Есть люди, которые крепко держатся своих взглядов, их зовут упрямыми (iskhyrognomones), т. е. это такие, кого трудно убедить (dyspeistoi) и нелегко заставить изменить убеждения (oyk eymetapeistoi). У них есть какое-то сходство с воздержным, так же как у мота со щедрым и у смельчака с отважным, но во многом они различны. Ведь воздержным будет не переменившийся под влиянием страсти и влечения, хотя при известных обстоятельствах и он поддается убеждению. А те, другие, не убеждаются рассуждением, поскольку все-таки восприимчивы к влечениям и большинство ведомо удовольствиями.
Упрямы самоуверенные (idiognomones), неучи и неотесанные, причем самоуверенные упрямы из-за удовольствия и страдания; действительно, они радуются победе, когда не дадут себя переубедить, и страдают, когда их [мнения] отводятся, наподобие поставленного на голосование. Этим они больше похожи на невоздержных, чем на воздержных.
Есть и такие, кто не придерживается [своих собственных] мнений, но не из-за невоздержности; таков, например, в Софокловом «Филоктете» Неоптолем: пусть он из-за удовольствия не стал держаться [своего], но это удовольствие прекрасно, ибо для Неоптолема прекрасно было говорить правду, а Одиссей убедил его обманывать. Действительно, не всякий, кто совершает известный поступок ради удовольствия, является распущенным, дурным или невоздержным, но только тот, кто делает это ради некоторого постыдного [удовольствия].
11. Поскольку бывают и такие люди, которым свойственно наслаждаться телесными [благами] меньше, чем следует, причем не придерживаясь [верного] суждения, то находящийся посредине между таким человеком и невоздержным — воздержный, ибо если невоздержный не придерживается [верного] суждения из-за некоего превышения (to mallon ti) [меры в удовольствиях], то второй — из-за определенного занижения (to hetton ti); что же касается воздержного, то он придерживается [верного] суждения и не изменяет [ему] ни по одной, ни по другой причине.
Если же воздержность в самом деле есть нечто добропорядочное, то обе ее противоположности должны быть дурными складами [души], как оно и видно; но от того, что одна из противоположностей заметна только у немногих людей и в редких случаях, кажется, будто благоразумие противостоит только распущенности, так же как воздержность — только невоздержности.
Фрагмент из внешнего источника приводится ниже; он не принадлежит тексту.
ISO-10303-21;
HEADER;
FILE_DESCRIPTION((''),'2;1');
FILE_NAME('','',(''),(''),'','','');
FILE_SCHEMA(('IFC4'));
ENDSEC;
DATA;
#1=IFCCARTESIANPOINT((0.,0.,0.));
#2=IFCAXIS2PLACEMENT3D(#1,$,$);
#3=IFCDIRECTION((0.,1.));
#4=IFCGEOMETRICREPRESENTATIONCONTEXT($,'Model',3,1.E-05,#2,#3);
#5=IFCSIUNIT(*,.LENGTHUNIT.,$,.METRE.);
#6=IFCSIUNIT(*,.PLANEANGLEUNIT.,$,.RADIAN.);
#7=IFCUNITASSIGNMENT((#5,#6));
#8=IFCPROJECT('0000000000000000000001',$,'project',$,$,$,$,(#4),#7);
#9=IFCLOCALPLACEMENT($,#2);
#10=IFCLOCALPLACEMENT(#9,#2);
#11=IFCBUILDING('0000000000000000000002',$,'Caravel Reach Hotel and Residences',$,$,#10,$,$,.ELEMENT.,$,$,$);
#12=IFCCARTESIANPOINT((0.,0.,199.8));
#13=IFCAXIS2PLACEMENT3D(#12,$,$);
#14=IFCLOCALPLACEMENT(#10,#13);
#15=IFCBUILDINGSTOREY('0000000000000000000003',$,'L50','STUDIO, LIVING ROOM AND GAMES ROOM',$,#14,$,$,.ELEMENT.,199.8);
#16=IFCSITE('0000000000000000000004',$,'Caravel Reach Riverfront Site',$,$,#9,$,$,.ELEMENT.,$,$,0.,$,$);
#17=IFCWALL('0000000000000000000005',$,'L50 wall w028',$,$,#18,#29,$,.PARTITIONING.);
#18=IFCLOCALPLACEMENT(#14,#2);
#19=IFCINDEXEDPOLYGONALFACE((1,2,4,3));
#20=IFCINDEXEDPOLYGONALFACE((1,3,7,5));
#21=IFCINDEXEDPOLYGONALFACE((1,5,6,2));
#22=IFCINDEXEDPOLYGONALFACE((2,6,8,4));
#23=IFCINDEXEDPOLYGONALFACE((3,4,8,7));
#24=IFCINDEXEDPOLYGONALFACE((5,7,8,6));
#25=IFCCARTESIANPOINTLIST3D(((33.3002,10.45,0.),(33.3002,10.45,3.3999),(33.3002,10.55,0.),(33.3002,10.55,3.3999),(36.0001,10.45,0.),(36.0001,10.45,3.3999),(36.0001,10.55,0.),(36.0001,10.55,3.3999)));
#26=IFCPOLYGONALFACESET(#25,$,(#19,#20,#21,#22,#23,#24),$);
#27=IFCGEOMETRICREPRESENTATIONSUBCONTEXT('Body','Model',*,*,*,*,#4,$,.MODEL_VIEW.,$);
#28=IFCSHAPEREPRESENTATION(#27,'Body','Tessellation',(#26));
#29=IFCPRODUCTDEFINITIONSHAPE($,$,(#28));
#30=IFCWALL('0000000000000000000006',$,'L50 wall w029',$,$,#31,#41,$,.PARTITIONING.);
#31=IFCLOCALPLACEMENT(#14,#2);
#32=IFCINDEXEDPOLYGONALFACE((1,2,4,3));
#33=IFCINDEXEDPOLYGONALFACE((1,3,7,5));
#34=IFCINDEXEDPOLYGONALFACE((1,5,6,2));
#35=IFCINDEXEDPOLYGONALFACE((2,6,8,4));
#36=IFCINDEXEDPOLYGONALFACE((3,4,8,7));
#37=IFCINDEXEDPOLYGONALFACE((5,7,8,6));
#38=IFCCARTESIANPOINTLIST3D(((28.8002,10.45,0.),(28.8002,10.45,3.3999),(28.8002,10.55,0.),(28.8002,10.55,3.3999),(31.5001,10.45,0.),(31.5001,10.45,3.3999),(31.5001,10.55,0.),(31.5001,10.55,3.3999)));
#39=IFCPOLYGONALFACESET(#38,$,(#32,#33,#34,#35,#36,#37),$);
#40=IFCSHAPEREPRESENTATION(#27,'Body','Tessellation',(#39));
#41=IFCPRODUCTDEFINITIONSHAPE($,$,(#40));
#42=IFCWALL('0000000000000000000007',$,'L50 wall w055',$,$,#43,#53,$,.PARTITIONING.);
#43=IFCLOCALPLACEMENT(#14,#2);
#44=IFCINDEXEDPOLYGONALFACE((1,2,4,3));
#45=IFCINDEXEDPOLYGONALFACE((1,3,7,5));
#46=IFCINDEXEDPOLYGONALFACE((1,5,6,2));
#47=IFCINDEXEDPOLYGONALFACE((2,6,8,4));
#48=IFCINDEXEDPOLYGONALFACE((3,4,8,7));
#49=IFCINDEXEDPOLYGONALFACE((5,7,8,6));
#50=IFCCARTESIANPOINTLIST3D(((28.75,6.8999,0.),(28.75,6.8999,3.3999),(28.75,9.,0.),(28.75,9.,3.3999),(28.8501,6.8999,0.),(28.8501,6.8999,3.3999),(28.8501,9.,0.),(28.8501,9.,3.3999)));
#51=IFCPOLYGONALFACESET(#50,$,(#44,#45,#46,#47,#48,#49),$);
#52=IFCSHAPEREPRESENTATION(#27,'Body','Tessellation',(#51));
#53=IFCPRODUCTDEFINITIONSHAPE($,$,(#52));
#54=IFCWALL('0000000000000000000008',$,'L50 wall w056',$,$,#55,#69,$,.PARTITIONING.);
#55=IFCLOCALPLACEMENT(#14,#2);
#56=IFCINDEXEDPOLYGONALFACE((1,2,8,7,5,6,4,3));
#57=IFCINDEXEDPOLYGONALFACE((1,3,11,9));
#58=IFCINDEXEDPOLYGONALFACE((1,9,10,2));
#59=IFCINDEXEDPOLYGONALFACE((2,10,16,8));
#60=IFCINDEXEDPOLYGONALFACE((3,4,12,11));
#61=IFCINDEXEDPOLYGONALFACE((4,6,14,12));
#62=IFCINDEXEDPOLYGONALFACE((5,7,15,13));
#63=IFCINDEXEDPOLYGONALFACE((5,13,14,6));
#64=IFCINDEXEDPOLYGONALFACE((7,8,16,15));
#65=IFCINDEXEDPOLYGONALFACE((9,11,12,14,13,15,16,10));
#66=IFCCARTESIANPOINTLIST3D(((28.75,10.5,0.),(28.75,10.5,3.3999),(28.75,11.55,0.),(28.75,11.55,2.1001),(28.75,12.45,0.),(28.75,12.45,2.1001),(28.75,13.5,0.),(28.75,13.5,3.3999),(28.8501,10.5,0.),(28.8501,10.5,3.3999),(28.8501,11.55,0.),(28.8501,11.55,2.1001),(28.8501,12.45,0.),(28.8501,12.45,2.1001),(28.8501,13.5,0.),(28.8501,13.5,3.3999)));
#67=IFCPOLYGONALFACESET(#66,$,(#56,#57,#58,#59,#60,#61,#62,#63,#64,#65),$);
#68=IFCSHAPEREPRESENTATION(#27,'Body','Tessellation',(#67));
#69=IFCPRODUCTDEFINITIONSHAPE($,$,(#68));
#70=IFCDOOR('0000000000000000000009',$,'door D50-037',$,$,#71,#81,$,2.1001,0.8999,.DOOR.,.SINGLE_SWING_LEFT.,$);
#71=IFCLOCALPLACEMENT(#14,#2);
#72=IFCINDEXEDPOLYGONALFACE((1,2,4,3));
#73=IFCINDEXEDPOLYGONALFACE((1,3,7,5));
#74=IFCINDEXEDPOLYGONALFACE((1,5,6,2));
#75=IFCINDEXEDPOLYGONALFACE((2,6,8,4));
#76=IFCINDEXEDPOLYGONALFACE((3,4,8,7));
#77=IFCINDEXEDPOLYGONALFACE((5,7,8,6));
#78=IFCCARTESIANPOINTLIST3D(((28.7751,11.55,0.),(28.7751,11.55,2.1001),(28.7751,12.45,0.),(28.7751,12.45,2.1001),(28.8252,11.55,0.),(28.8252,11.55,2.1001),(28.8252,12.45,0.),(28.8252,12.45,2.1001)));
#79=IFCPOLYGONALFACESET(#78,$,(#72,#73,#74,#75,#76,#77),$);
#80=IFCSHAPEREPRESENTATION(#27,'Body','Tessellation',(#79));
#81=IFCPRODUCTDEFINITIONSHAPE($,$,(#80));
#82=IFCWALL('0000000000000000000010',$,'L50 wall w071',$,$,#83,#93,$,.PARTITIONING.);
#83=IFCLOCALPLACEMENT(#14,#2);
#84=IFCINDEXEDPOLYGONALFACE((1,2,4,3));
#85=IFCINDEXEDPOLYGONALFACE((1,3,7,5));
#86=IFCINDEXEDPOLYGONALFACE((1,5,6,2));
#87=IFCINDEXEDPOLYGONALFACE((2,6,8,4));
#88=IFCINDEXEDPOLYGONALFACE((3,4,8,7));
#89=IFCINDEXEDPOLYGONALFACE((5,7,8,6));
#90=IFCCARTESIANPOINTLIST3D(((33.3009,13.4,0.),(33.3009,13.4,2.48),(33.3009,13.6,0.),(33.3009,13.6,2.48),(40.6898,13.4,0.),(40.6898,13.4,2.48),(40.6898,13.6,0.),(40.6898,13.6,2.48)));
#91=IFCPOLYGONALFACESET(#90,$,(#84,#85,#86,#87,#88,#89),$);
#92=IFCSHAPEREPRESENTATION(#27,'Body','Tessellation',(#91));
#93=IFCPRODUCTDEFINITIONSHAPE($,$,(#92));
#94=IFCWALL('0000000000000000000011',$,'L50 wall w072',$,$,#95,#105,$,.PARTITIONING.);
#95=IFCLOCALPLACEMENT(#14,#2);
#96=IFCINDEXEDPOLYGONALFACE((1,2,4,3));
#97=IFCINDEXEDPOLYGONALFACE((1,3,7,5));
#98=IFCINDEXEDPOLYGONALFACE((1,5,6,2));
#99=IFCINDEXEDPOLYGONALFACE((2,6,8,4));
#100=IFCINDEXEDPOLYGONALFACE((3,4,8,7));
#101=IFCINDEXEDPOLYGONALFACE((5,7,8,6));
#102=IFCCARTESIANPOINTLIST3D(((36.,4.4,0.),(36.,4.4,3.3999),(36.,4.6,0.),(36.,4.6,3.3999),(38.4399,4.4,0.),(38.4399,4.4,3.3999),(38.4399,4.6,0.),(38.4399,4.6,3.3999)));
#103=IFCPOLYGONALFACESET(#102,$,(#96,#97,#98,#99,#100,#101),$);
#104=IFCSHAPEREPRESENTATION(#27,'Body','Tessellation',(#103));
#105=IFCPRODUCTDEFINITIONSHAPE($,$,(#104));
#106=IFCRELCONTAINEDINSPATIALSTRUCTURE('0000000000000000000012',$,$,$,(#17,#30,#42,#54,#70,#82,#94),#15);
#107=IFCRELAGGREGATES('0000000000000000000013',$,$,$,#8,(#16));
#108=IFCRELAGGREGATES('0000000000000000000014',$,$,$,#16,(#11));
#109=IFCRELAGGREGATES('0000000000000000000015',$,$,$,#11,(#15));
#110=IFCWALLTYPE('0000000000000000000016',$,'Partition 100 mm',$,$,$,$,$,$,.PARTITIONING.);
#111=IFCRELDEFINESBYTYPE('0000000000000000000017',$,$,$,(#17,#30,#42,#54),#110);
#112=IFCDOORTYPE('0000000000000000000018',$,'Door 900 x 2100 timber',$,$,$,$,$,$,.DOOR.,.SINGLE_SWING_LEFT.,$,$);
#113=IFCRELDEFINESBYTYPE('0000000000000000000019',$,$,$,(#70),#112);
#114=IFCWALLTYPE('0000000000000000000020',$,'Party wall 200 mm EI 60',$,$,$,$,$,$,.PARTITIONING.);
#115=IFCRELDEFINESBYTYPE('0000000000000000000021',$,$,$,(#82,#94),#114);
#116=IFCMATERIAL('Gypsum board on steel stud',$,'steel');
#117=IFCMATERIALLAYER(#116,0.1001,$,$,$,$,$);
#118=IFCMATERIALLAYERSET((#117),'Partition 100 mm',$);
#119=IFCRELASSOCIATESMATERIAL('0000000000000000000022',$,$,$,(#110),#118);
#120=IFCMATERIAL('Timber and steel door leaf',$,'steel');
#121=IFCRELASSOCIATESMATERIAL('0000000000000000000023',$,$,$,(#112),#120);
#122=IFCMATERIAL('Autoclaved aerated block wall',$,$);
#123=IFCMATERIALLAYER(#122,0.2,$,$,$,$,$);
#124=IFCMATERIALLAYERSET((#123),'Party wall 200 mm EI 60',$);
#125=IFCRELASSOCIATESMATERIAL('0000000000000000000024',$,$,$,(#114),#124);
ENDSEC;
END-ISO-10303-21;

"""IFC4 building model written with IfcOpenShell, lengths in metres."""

from ifc_helpers import new_model, si_unit, direction, frame, frame_2d, origin, place, context, subcontext, project, spatial, rectangle, extrude, material, layer, layer_set, type_object, element, fill, save


model = new_model("IFC4")

# Units and contexts
model_context = context("Model", 3, precision=1e-05, world=origin(), true_north=direction((0.0, 1.0)))
body_context = subcontext(model_context, "Body", "Model", "MODEL_VIEW")
ifc_project = project(units=[si_unit("LENGTHUNIT", "METRE"), si_unit("PLANEANGLEUNIT", "RADIAN")], contexts=[model_context])

# Site, building, storey
site_placement = place(None, origin())
site = spatial("IfcSite", under=ifc_project, at=site_placement, Name="Caravel Reach Riverfront Site", CompositionType="ELEMENT", RefElevation=0.0)
building_placement = place(site_placement, origin())
building = spatial("IfcBuilding", under=site, at=building_placement, Name="Caravel Reach Hotel and Residences", CompositionType="ELEMENT")
storey_placement = place(building_placement, frame((0.0, 0.0, 199.8)))
storey = spatial("IfcBuildingStorey", under=building, at=storey_placement, Name="L50", Description="STUDIO, LIVING ROOM AND GAMES ROOM", CompositionType="ELEMENT", Elevation=199.8)

# Walls
ifc_material_1 = material(Name="Gypsum board on steel stud", Category="steel")
ifc_layer_1 = layer(ifc_material_1, 0.1001)
ifc_layer_set_1 = layer_set([ifc_layer_1], Name="Partition 100 mm")
wall_type_1 = type_object("IfcWallType", Name="Partition 100 mm", PredefinedType="PARTITIONING", material=ifc_layer_set_1)
for number, where, z_axis, x_axis, name in (
    (1, (33.3, 10.5, 0.0), (0.0, 0.0, 1.0), (1.0, 0.0, 0.0), "L50 wall w028"),
    (2, (28.8, 10.5, 0.0), (0.0, 0.0, 1.0), (1.0, 0.0, 0.0), "L50 wall w029"),
):
    element("IfcWall", number, at=place(storey_placement, frame(where, z_axis=z_axis, x_axis=x_axis)), inside=storey, type_object=wall_type_1, Name=name, PredefinedType="PARTITIONING", context=body_context, shape_type="SweptSolid", body=[
        extrude(rectangle(XDim=2.7, YDim=0.1001, at=frame_2d((1.3501, 0.0))), origin(), (0.0, 0.0, 1.0), 3.3999),
    ])
wall_1_placement = place(storey_placement, frame((28.8, 6.8999, 0.0), z_axis=(0.0, 0.0, 1.0), x_axis=(0.0, 1.0, 0.0)))
element("IfcWall", 3, at=wall_1_placement, inside=storey, type_object=wall_type_1, Name="L50 wall w055", PredefinedType="PARTITIONING", context=body_context, shape_type="SweptSolid", body=[
    extrude(rectangle(XDim=2.1001, YDim=0.1001, at=frame_2d((1.05, 0.0))), origin(), (0.0, 0.0, 1.0), 3.3999),
])

# Wall, opening, door
wall_2_placement = place(storey_placement, frame((28.8, 10.5, 0.0), z_axis=(0.0, 0.0, 1.0), x_axis=(0.0, 1.0, 0.0)))
wall_2 = element("IfcWall", 4, at=wall_2_placement, inside=storey, type_object=wall_type_1, Name="L50 wall w056", PredefinedType="PARTITIONING", context=body_context, shape_type="SweptSolid", body=[
    extrude(rectangle(XDim=3.0, YDim=0.1001, at=frame_2d((1.5, 0.0))), origin(), (0.0, 0.0, 1.0), 3.3999),
])
opening_1_placement = place(wall_2_placement, frame((1.05, 0.0, 0.0)))
opening_1 = element("IfcOpeningElement", 5, at=opening_1_placement, cuts=wall_2, PredefinedType="OPENING", context=body_context, shape_type="SweptSolid", body=[
    extrude(rectangle(XDim=0.8999, YDim=2.1001, at=frame_2d((0.45, 1.05))), frame((0.0, 0.0601, 0.0), z_axis=(0.0, -1.0, 0.0), x_axis=(1.0, 0.0, 0.0)), (0.0, 0.0, 1.0), 0.1201),
])
ifc_material_2 = material(Name="Timber and steel door leaf", Category="steel")
door_type_1 = type_object("IfcDoorType", Name="Door 900 x 2100 timber", OperationType="SINGLE_SWING_LEFT", PredefinedType="DOOR", material=ifc_material_2)
door_1_placement = place(opening_1_placement, origin())
door_1 = element("IfcDoor", 6, at=door_1_placement, inside=storey, type_object=door_type_1, Name="door D50-037", OperationType="SINGLE_SWING_LEFT", OverallHeight=2.1001, OverallWidth=0.8999, PredefinedType="DOOR", context=body_context, shape_type="SweptSolid", body=[
    extrude(rectangle(XDim=0.8999, YDim=2.1001, at=frame_2d((0.45, 1.05))), frame((0.0, 0.0249, 0.0), z_axis=(0.0, -1.0, 0.0), x_axis=(1.0, 0.0, 0.0)), (0.0, 0.0, 1.0), 0.05),
])
fill(opening_1, door_1)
Поскольку во многих случаях названия даются в силу сходства, то и тут получилось, что по сходству благоразумному приписывают воздержность; действительно, как воздержный, так и благоразумный способен не делать ничего вопреки суждению ради телесных удовольствий, но первый имеет дурные влечения, а второй нет, и он способен не испытывать удовольствия, если оно противоречит суждению, а первый [в этом случае] способен их испытывать, но не поддаваться.
Подобны друг другу и невоздержный с распущенным, хотя они и разны, ибо телесных удовольствий ищут оба, но при этом один думает, что так и надо, а другой так не думает.
(X). Невозможно одному и тому же человеку быть одновременно рассудительным и невоздержным, ибо, как было показано, быть рассудительным — значит быть добропорядочным по нраву. Кроме того, быть рассудительным — это не только «знать», но и быть способным поступать [в соответствии со знанием]. Между тем невоздержный так поступать не способен.